It’s rare to find a company with a business idea based purely on prediction, but FlightCaster is such a company. FlightCaster launched less than two weeks ago (August 14) and promises to predict flight delays with high accuracy 6 hours before the flight.
The core of FlightCaster’s service is a patent-pending algorithm that pulls in data regarding weather forecasts, in-bound aircraft tracking, flight history, and other things from various sources. The algorithm actually assigns a probability to a certain flight being delayed, so it can tell you if, for instance, there is an 80% chance of a delay. This can be useful to know, since airlines usually do not warn about delays unless they are 100% sure that a delay will occur.
FlightCaster recently demonstrated the application in front of venture capitalists, and correctly predicted that a flight to New York would be delayed, even though it was reported by the airline to be on time at the moment the prediction was made.
The application is available for BlackBerry and iPhone (for 10 USD) and on the web (for free). You can test a prediction for a random flight here. (At the moment, it only works for US flights – an international version would obviously be a killer app, but it would presumably be much more difficult to pull in the needed data.) One of the nice things about this service is that it tells you the factors it used to make the prediction.

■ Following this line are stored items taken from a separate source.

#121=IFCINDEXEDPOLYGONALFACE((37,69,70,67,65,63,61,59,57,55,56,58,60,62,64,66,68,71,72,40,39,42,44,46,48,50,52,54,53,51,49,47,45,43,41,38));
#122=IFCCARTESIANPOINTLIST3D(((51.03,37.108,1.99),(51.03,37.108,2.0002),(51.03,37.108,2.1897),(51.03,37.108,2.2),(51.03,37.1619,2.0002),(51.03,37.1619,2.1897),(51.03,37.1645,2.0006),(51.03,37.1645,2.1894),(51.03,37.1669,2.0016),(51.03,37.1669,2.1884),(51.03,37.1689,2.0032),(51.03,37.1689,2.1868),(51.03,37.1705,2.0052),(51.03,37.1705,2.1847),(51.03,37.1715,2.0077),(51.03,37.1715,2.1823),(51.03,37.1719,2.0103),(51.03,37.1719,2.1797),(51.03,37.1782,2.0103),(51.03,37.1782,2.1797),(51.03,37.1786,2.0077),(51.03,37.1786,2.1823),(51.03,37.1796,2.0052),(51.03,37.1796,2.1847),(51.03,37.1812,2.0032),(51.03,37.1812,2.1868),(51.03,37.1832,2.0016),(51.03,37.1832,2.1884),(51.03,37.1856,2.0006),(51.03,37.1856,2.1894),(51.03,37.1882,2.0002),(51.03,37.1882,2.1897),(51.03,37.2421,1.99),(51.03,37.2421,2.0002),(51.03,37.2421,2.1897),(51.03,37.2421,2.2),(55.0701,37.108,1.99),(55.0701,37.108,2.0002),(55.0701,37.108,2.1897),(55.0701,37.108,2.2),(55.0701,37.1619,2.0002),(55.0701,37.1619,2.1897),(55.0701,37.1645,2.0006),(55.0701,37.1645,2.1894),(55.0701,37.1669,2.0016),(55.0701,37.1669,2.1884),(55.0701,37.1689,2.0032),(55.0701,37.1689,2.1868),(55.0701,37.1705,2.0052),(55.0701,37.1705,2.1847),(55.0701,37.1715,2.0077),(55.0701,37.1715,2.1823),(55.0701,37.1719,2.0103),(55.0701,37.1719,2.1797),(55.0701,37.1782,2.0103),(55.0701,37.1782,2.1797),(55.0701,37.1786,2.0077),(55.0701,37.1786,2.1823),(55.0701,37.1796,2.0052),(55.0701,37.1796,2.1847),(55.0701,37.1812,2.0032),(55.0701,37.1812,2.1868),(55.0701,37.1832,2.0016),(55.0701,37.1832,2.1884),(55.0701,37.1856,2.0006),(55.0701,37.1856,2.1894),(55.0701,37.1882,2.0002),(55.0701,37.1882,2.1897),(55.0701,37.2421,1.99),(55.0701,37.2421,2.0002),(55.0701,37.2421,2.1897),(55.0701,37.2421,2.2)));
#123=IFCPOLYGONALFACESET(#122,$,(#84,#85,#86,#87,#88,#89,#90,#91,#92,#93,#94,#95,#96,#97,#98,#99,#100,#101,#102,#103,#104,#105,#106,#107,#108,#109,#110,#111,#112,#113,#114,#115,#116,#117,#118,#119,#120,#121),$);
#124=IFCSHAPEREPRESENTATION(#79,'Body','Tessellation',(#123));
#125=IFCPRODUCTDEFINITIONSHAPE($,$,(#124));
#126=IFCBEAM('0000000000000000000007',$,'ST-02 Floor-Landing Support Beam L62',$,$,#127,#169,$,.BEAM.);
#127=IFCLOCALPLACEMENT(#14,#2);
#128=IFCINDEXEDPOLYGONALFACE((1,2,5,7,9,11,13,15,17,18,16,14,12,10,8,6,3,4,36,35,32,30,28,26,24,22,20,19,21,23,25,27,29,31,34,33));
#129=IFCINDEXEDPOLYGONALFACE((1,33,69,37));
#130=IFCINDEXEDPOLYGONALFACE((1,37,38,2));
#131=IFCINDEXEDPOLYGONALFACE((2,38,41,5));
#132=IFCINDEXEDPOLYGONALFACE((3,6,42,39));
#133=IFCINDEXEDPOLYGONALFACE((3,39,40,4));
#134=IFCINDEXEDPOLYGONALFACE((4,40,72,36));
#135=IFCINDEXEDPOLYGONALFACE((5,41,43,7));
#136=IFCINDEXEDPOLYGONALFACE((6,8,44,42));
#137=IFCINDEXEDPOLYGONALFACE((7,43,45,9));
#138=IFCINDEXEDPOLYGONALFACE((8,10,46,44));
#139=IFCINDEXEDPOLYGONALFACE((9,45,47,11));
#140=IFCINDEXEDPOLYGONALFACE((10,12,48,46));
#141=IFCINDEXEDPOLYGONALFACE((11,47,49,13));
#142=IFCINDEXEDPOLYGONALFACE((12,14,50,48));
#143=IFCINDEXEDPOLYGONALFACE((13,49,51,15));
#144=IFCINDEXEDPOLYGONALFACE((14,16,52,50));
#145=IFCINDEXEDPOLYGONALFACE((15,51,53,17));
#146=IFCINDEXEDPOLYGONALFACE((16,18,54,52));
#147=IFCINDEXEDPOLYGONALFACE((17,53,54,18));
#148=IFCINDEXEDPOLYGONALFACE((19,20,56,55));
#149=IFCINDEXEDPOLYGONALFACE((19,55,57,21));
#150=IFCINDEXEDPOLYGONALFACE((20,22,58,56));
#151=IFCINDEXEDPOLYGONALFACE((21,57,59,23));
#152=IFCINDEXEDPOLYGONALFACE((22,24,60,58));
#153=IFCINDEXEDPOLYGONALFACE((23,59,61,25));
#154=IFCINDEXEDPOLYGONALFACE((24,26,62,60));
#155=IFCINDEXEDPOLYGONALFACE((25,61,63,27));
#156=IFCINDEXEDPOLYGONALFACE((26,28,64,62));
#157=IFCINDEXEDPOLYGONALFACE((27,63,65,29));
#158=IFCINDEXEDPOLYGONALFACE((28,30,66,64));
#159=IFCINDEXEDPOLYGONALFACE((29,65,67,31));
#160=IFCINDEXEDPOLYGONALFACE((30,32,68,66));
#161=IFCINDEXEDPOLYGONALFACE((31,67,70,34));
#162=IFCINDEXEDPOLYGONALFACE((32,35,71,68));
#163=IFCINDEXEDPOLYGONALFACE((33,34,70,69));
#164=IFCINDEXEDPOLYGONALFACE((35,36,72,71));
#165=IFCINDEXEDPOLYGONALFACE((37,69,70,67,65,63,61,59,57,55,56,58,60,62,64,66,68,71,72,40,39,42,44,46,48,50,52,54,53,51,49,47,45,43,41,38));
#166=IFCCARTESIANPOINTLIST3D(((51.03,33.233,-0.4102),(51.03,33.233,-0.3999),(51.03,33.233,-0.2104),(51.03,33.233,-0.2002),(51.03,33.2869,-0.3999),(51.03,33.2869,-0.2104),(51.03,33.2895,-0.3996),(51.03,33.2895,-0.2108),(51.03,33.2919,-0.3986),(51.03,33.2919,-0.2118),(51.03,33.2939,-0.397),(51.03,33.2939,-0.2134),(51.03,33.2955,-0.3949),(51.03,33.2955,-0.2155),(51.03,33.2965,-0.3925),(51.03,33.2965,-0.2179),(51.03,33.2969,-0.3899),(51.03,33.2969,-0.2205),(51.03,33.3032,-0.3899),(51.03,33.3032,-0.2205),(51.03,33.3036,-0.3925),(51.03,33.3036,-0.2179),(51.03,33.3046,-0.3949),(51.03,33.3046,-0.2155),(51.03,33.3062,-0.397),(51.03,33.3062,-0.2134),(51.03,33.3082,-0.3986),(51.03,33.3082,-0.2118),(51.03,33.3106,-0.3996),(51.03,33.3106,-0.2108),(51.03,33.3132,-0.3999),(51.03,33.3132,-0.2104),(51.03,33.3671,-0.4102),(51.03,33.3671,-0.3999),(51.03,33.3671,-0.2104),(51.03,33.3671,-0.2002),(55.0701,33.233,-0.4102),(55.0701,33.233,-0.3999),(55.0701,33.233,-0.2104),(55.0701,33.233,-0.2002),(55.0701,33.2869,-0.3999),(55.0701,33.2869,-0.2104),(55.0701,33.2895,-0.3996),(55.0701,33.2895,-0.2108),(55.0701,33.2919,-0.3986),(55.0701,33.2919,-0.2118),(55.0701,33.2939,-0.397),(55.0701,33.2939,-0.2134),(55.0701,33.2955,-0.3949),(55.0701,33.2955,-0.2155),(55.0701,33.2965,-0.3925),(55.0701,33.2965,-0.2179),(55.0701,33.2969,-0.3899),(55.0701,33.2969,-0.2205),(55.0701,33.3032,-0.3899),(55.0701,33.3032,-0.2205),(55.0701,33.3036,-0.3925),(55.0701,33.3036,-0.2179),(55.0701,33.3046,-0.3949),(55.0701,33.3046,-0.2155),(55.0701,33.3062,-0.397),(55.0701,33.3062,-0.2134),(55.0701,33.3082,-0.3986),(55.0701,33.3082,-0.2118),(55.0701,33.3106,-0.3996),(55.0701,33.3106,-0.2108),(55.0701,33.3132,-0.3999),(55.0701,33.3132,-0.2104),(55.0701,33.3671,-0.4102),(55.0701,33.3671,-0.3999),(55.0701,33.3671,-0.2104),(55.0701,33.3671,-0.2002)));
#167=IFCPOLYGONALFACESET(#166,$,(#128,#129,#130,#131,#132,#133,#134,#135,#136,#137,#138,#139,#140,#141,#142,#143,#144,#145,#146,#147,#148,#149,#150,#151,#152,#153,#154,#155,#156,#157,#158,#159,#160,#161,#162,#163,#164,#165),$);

Update: An interesting interview with Bradford Cross from FlightCaster here. It seems their application is built on Hadoop and Amazon EC2 using Rails and Clojure. Peter Skomoroch, who did the interview, does a good job of explaining what I failed to put into my blog post:
FlightCaster strikes me as a great example of the next generation of web applications that will leverage [raw data that has been collected by the government and industry but sits untapped in large data warehouses]: bootstrapped startups that apply machine learning and data processing at scale to solve a focused problem people actually care about.